A few days after Thanksgiving, Dallas Selling — 19-weeks pregnant with twins — started feeling sick with a fever and had difficulty breathing. For days she tried to “tough” it out, but she finally gave in on Dec. 2 and called an ambulance. She was taken to Clovis Community Medical Center’s emergency department.
“Obviously no one wants to go to the hospital, but you have to listen to your body,” Selling said. “I’ve always been the type to push myself really hard … but you know when something is wrong.”
Because of her coronavirus infection, Selling’s lungs just weren’t able to take in enough oxygen for her and the babies, so the next day she was transferred to Community Regional Medical Center for a higher level of care. The team from the Valley’s only high risk antepartum center was standing by to help the intensive care team.
At Community Regional, Selling was put on a ventilator when her oxygen levels continued to drop. For almost three weeks she continued to decline. Fearing the worst, her physicians and husband decided she needed extracorporeal membrane oxygenation (ECMO) treatment in order to save her and the babies.
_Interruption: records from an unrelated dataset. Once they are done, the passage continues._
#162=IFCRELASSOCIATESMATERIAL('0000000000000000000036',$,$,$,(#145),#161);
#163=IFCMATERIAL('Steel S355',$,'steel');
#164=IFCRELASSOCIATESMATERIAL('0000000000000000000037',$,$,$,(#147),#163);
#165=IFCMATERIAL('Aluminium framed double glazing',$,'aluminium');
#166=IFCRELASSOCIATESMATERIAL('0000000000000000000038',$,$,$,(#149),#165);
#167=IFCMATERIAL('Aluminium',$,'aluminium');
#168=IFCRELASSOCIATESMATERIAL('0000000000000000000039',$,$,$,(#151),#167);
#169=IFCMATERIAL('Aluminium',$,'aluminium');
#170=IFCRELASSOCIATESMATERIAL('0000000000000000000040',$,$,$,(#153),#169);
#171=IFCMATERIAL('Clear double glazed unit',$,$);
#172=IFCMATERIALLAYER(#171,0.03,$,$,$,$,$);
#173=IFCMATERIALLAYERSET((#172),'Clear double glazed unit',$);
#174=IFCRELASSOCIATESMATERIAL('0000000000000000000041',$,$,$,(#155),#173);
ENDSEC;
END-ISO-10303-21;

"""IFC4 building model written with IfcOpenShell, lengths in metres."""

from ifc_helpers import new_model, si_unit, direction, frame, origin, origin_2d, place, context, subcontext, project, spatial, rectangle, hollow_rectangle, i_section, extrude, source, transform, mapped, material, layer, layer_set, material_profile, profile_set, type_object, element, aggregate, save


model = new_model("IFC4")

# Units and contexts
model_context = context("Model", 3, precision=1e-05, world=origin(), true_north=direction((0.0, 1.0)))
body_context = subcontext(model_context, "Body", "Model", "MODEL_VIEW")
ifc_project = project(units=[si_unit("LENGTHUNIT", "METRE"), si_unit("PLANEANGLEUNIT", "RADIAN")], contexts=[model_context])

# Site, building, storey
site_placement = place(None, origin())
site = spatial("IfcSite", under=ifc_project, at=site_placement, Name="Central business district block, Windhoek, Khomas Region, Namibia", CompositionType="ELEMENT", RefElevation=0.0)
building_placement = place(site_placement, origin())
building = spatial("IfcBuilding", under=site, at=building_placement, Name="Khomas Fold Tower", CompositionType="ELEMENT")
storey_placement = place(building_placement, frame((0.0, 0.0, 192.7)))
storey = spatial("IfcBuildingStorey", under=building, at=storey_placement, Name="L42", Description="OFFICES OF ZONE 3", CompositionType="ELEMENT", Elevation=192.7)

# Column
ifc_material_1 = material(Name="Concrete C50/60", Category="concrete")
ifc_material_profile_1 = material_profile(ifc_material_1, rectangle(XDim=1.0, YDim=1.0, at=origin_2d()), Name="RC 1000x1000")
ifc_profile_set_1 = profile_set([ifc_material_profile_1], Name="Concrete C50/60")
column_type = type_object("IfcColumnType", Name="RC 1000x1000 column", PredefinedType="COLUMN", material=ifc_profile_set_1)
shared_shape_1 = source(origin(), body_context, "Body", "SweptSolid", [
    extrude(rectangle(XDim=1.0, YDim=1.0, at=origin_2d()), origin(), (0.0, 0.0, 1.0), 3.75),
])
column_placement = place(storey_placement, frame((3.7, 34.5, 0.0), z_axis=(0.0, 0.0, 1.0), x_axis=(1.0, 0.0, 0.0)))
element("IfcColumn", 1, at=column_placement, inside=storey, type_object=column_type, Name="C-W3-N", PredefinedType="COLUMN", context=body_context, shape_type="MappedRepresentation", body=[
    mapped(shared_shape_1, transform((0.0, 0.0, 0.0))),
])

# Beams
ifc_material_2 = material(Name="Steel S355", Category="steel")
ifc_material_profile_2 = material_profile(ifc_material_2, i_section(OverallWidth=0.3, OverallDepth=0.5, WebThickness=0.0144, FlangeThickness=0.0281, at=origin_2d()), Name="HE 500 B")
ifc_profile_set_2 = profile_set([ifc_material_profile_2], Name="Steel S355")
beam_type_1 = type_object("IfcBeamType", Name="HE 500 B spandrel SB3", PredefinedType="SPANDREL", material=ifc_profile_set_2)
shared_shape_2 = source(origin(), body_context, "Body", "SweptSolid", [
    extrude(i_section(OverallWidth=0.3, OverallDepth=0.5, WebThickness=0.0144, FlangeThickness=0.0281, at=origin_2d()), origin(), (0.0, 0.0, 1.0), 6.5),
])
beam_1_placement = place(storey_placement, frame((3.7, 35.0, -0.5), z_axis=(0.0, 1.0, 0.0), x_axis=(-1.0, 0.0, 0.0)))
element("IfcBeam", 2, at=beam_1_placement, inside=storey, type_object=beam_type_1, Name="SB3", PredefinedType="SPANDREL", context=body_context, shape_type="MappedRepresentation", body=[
Recently released information from the U.S. Centers for Disease Control and Prevention (CDC) shows that pregnant women are at higher risk for complications from COVID-19 infection. The CDC says COVID-19-positive pregnant women who are symptomatic are two to four times more likely than non-pregnant women of similar age to develop severe illness. These women are more likely to require ICU admission, ECMO treatment or mechanical ventilation, and have a 70% higher risk of death than non-pregnant women.
Soon after starting ECMO, Selling began to show signs of improvement.